# Best Karate



## muayThaiPerson (Mar 9, 2003)

??


----------



## arnisador (Mar 9, 2003)

I'm not sure I understand the question--the first thing I thinkk of is the old "Best Karate" book series.


----------



## Johnathan Napalm (Mar 9, 2003)

The "baddest" Karate would be Kyokushin


----------



## lonekimono (Mar 10, 2003)

This is great i feel like i'm on a game show
ok,ok,ok, now let me see the BEST karate?
now wait a min no, don't tell me  wow is this ever hard?????
i know i'll get this /\??????????????????????????????????????????????????????????????????????????????????????????????????????????????????
 ok i think that's enough , look let me say it this way
  i drive a jeep,and you might drive a ford probe, now look i have to put oil in my jeep and you must do the same in the probe
and they both have 4 wheels.
What i'm trying to say is that you kick i kick you punch i punch
 you do the math.

                      yours in kenpo


----------



## tarabos (Mar 10, 2003)

> _Originally posted by arnisador _
> *I'm not sure I understand the question--the first thing I thinkk of is the old "Best Karate" book series. *



lol...that's what i thought the thread would be about when i saw the subject...


----------



## A.R.K. (Mar 11, 2003)

The one that works for you personally, not in competition, but in real life combat.


----------



## Infight (Mar 12, 2003)

I have no doubt, Kyokushin is the best form of Karate developed til today.


----------



## SRyuFighter (Apr 1, 2003)

It's whatever works for you. All styles have very good points and weak points. I train in Shorin Ryu. A friend trains in Kyokushin. We spar and are evenly matched. We started training at the same time. SO this leads me to believe that there is no superior Karate style only difference.


----------



## RyuShiKan (Apr 1, 2003)

> _Originally posted by SRyuFighter _
> *It's whatever works for you. All styles have very good points and weak points. *



I disagree.
The styles have no weak points per say it is the person trying to understand what the style is saying that might have a weak point.
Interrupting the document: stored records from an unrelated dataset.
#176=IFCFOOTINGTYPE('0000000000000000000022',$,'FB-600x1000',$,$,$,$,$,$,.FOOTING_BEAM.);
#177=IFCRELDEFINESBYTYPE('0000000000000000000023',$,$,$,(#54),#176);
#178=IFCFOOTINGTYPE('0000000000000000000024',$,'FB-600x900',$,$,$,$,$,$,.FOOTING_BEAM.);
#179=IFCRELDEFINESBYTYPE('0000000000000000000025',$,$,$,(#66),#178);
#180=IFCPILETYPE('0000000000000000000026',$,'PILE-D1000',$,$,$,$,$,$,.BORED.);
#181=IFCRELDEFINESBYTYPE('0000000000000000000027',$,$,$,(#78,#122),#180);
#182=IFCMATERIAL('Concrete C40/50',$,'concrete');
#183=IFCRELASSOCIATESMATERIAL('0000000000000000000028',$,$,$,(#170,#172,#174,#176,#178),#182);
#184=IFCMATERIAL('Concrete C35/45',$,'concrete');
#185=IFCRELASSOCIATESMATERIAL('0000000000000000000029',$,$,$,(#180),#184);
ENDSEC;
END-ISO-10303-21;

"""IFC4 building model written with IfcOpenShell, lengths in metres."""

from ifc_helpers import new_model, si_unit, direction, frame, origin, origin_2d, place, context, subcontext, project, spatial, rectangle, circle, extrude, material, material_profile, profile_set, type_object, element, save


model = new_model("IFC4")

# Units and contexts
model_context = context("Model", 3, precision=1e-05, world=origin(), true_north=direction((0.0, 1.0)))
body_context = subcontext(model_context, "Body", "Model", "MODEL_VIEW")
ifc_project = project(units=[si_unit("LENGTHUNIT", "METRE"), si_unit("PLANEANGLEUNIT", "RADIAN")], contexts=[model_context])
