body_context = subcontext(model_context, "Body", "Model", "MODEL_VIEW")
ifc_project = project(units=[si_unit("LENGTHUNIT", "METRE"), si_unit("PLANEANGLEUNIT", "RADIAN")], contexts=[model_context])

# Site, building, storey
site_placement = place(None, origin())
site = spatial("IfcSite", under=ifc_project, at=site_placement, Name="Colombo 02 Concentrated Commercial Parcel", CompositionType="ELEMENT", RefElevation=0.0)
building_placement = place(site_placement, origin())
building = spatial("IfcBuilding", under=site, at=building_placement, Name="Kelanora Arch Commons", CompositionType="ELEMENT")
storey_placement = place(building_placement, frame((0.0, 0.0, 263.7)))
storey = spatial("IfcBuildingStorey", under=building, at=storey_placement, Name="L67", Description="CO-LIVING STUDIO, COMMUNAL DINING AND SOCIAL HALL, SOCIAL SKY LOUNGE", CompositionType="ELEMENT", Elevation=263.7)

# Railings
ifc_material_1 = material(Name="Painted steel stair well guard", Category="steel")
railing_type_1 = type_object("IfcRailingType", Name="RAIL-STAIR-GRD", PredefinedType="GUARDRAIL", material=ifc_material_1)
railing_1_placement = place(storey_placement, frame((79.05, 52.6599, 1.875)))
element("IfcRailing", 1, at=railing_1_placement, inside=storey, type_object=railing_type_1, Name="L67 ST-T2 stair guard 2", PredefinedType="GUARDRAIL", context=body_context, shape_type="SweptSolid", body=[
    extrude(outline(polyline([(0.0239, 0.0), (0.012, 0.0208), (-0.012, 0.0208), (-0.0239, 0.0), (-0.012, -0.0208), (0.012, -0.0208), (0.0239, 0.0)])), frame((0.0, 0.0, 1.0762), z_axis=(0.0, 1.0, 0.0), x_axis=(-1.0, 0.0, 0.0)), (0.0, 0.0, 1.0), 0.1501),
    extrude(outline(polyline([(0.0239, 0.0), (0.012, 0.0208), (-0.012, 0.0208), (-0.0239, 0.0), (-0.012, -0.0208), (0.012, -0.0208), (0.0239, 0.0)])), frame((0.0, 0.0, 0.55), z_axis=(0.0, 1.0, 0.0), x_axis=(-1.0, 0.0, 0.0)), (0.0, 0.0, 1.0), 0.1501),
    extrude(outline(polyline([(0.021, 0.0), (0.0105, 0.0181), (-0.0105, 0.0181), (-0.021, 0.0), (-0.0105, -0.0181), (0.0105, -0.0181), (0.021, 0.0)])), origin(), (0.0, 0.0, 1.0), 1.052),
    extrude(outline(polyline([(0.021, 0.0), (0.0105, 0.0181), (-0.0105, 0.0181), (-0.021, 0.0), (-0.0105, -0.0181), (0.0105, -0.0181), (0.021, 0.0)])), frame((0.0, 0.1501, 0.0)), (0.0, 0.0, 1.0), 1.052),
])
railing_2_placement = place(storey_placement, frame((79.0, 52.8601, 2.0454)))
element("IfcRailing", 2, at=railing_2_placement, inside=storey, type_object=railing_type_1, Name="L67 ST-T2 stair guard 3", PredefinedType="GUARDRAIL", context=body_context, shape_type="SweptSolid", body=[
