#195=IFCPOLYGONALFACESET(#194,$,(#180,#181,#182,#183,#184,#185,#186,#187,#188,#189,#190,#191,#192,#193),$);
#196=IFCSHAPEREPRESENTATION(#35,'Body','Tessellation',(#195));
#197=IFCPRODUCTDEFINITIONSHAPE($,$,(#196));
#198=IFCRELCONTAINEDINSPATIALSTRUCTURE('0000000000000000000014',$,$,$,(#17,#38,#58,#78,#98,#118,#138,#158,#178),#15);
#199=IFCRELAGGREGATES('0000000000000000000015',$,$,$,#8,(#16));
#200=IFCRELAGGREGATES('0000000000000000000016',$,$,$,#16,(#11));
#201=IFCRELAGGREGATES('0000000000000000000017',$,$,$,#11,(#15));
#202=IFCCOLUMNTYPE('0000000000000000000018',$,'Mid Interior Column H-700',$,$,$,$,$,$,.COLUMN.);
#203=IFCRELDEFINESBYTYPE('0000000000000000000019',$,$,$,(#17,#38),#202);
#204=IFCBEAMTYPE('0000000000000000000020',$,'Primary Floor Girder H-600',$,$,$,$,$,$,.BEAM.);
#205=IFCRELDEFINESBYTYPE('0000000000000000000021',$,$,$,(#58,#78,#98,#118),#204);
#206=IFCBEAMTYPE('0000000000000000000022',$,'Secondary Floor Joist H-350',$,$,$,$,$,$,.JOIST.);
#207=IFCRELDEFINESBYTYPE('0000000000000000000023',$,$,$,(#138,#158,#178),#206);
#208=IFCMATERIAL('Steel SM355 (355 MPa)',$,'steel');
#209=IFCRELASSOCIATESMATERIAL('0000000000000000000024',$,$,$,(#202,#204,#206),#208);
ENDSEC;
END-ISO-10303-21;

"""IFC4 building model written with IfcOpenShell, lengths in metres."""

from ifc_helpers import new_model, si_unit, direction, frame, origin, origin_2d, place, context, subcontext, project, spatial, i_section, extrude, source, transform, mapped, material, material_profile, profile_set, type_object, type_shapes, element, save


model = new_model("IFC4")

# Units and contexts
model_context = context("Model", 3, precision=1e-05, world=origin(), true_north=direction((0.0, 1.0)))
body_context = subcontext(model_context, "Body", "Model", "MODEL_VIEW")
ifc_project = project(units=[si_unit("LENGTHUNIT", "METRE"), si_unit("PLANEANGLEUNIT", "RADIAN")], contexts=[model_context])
> _Originally posted by SRyuFighter _
> *SO this leads me to believe that there is no superior Karate style only difference. *



This is true.
Which is why I dislike statements like Infight posted below.
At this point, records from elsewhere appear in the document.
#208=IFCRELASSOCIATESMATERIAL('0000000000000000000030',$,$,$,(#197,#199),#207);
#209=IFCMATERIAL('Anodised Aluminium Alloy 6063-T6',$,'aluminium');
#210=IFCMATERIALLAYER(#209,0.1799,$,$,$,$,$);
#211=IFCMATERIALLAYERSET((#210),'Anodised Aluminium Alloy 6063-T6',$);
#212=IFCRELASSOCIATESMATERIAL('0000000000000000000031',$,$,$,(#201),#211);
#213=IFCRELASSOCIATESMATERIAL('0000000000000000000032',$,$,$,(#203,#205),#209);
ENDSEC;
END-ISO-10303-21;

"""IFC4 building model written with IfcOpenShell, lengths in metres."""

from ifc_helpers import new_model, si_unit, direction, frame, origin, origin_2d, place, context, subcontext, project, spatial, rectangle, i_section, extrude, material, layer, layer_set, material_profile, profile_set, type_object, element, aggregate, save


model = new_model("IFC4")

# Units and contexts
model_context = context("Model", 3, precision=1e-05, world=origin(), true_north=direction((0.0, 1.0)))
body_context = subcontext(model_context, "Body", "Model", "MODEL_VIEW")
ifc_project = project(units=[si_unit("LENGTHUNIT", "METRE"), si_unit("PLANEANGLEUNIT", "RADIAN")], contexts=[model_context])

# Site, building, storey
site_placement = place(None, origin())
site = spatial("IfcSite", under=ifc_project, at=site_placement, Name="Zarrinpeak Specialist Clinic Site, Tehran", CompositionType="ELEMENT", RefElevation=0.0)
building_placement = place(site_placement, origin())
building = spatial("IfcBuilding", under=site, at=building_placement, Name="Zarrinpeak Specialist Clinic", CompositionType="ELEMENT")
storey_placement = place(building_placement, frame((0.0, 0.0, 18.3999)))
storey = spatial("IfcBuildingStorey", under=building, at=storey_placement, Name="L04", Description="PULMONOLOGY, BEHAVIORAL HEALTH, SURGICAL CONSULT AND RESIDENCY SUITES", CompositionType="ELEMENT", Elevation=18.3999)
> _Originally posted by Infight _
> *I have no doubt, Kyokushin is the best form of Karate developed til today. *



When you make statements like this it seems they are only made either to be a "Troll" or you have a very limited understanding of Karate........or both.
I know Infight's native language is not English so I usually cut him some slack, however, if he wants to go to an English speaking board an post he should know what his posts sound like and the nuance they convey.


----------



## yilisifu (Apr 2, 2003)

I agree.  ALL of the various martial arts are perfect...in theory and on paper.  It's the human element that produces errors.


----------



## SRyuFighter (Apr 2, 2003)

You gentlemen have gotten me thinking. Thanks for sharing!


----------



## D.Cobb (Apr 5, 2003)

> _Originally posted by Johnathan Napalm _
> *The "baddest" Karate would be Kyokushin   *



Aw come on, I know some Kyokushin guys who do real good karate. Just coz it's bad where you learn, doesn't make it so everywhere.

:rofl: :rofl: 

--Dave


----------



## SRyuFighter (Apr 9, 2003)

Hahaha Nice Dave!


----------



## Littledragon (Jun 26, 2004)

arnisador said:
			
		

> I'm not sure I understand the question--the first thing I thinkk of is the old "Best Karate" book series.
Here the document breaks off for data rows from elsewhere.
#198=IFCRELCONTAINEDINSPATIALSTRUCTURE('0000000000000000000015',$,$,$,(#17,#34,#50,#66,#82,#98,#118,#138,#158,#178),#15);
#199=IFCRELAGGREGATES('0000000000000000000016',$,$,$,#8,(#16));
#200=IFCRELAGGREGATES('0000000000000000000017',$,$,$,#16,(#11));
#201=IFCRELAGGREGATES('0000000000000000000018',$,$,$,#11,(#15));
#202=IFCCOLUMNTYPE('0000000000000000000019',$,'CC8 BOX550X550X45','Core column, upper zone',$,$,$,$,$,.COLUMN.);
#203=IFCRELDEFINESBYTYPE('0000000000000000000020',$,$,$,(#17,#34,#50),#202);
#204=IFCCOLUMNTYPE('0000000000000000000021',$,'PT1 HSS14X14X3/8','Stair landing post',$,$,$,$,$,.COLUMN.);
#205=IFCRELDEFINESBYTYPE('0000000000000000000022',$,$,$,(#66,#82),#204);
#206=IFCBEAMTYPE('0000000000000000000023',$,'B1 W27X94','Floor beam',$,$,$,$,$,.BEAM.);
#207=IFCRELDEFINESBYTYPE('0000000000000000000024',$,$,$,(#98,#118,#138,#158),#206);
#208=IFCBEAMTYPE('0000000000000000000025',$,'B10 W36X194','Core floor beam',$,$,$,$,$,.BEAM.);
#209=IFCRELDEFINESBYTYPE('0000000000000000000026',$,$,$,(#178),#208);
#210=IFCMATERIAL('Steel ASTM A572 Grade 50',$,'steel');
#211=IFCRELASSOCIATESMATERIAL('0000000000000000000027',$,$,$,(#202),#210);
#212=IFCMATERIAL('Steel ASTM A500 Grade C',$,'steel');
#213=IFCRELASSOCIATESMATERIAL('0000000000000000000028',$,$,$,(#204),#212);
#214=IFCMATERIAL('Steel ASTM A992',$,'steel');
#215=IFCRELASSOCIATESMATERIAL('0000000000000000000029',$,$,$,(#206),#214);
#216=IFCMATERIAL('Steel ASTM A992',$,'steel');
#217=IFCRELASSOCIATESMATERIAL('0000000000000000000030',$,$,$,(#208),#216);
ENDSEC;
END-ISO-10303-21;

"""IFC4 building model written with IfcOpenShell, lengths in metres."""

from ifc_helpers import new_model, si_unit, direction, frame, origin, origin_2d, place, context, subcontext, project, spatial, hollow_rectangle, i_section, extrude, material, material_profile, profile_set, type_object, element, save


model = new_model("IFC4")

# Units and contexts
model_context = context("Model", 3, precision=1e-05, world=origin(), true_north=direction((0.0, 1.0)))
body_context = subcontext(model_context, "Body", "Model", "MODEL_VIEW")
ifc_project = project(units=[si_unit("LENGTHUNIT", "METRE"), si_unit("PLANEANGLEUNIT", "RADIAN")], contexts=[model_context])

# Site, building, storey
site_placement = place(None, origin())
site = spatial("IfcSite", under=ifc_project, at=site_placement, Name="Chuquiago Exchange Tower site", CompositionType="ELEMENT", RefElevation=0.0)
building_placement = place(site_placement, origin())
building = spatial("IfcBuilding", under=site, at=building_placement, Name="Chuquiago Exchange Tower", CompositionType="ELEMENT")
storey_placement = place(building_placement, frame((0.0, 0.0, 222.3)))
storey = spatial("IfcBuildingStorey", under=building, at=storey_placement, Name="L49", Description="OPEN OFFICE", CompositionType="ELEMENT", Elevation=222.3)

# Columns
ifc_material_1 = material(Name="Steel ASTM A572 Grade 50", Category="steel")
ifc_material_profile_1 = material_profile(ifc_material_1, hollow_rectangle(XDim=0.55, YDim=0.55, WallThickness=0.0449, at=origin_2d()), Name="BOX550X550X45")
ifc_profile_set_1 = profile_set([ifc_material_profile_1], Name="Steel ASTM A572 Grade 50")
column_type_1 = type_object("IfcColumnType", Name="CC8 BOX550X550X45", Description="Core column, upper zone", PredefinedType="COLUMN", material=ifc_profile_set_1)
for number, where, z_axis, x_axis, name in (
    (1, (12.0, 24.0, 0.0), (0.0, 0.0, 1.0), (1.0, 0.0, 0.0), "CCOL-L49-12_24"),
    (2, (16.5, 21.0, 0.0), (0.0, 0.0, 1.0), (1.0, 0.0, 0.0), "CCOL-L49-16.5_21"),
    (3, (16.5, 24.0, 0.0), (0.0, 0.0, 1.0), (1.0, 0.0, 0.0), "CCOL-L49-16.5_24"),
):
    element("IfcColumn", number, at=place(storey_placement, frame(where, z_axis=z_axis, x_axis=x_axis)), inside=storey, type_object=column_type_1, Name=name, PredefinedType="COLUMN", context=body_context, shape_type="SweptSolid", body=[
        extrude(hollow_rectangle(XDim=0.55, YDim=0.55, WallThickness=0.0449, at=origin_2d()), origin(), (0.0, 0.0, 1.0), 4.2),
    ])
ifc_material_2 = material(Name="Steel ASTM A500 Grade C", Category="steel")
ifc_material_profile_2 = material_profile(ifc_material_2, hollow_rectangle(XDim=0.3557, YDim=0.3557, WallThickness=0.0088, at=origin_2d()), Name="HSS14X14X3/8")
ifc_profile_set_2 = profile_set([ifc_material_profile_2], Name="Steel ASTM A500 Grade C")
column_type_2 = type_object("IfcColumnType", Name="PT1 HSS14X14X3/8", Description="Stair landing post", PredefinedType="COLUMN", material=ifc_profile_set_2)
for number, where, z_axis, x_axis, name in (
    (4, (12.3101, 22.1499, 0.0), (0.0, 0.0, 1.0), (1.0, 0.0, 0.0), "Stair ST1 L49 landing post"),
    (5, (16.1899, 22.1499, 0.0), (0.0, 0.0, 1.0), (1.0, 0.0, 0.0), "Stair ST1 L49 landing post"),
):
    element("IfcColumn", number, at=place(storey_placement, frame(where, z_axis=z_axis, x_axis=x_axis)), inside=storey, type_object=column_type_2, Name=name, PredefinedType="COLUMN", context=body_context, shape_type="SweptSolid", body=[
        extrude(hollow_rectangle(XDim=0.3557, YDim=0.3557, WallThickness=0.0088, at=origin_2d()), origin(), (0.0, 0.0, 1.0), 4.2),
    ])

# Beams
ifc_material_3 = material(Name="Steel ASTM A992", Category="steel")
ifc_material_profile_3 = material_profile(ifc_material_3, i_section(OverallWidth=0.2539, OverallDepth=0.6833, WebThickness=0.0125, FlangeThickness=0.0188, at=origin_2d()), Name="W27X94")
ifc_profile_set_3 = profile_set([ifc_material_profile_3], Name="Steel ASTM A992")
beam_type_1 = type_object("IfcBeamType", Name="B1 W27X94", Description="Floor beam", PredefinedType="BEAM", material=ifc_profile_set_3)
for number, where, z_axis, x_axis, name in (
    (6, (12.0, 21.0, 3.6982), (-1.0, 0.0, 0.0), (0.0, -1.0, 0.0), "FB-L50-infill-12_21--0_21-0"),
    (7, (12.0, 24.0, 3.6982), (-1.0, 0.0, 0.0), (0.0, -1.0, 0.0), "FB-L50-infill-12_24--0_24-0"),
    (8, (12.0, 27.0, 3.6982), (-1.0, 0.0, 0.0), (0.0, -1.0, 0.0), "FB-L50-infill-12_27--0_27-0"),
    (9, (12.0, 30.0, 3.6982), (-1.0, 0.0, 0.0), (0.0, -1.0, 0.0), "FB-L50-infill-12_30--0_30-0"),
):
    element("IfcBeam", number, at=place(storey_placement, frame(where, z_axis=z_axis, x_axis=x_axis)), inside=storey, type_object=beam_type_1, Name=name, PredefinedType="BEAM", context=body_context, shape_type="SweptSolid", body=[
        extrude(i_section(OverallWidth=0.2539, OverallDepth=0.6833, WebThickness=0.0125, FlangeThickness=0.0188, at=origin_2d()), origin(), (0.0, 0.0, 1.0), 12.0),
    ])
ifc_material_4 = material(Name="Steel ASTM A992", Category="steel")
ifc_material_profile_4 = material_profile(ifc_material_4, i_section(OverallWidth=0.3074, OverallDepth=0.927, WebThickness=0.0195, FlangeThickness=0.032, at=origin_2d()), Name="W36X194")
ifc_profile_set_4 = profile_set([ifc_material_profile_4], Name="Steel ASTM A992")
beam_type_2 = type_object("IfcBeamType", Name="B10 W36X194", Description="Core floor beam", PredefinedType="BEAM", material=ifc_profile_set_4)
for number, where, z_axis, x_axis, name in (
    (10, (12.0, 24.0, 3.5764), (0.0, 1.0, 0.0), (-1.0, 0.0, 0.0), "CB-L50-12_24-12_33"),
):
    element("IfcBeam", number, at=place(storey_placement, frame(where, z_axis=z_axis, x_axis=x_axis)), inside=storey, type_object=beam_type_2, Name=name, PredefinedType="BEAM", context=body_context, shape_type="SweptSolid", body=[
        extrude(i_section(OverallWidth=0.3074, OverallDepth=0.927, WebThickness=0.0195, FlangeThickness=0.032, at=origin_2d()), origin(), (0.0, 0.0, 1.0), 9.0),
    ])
Same thats what I thought. But there really is no BEST style it all depends on the man. But I prefer Kyukoshin and Shotokan Karate just in my opinion.



Tarek


----------



## yentao (Jul 15, 2004)

Goju and Uechi ryu.


----------



## Josephk (Jul 19, 2004)

i personally prefer goju ryu.  But i do believe any style can be good, depending on how it's practicioner trains.  For example, people are saying that kyokoshinkai is the best because of it's full contact tournaments, which i partly agree with, but traditionally goju ryu and other styles include a lot of physical conditioning which isn't shown off at competitions etc. so they can be just as good as kyokoshinkai.  But like i said, it depends on what kind of training the person does.


----------



## Josephk (Jul 19, 2004)

i suppose i'm trying to say that there is nothing stopping e.g. a goju ryu or shotokan practioner from doing just as much conditioning as a kyokoshinkai practitioner, so i don't think that is the best way to determine which system is best.


----------



## Bammx2 (Jul 19, 2004)

If there was a "best"....everyone would have a BB in it and fights would last forever...then we would get bored....then it would go away.
we wouldn't have the "pleasure" of learning.............................


----------



## hippy (Jul 23, 2004)

Hmmmm, tricky one this.
most people are probably going to say whatever style they do is best. it does depend what you determine to mean 'best'??
{sorry folks, but stereotypes will most likely be used}

if you want to be doing 'destruction' then the ones you see doing breaking demo's tend to be goju-ryu

if u like full contact fighting, then kyukoshinkai primarily deals with that.

if u want to learn kata's for tournaments then shotokan seem to dominate there.

if u want to do 'points' sparring in tournaments, then there are a variety of 'freestyle' karate clubs which teach primarily for this.

if u want to learn about pressure / nerve point take-downs, then the kempo schools go into this more than any other i have seen.

although i have generalised about the different styles, do understand, every style will teach all of the above, some just go into each discipline further than others.

i personnally have wado-ryu as my main style , a good all-rounder i feel,
but i have also trained in mu-chindo (older style of okinawan karate) and shotokan (katas, more katas, and 'u-need-to-get-out-more katas)


----------



## thepanjr (Mar 18, 2005)

i think every style is the best. There is that much of diffrence you are just using it for protecting ureself


----------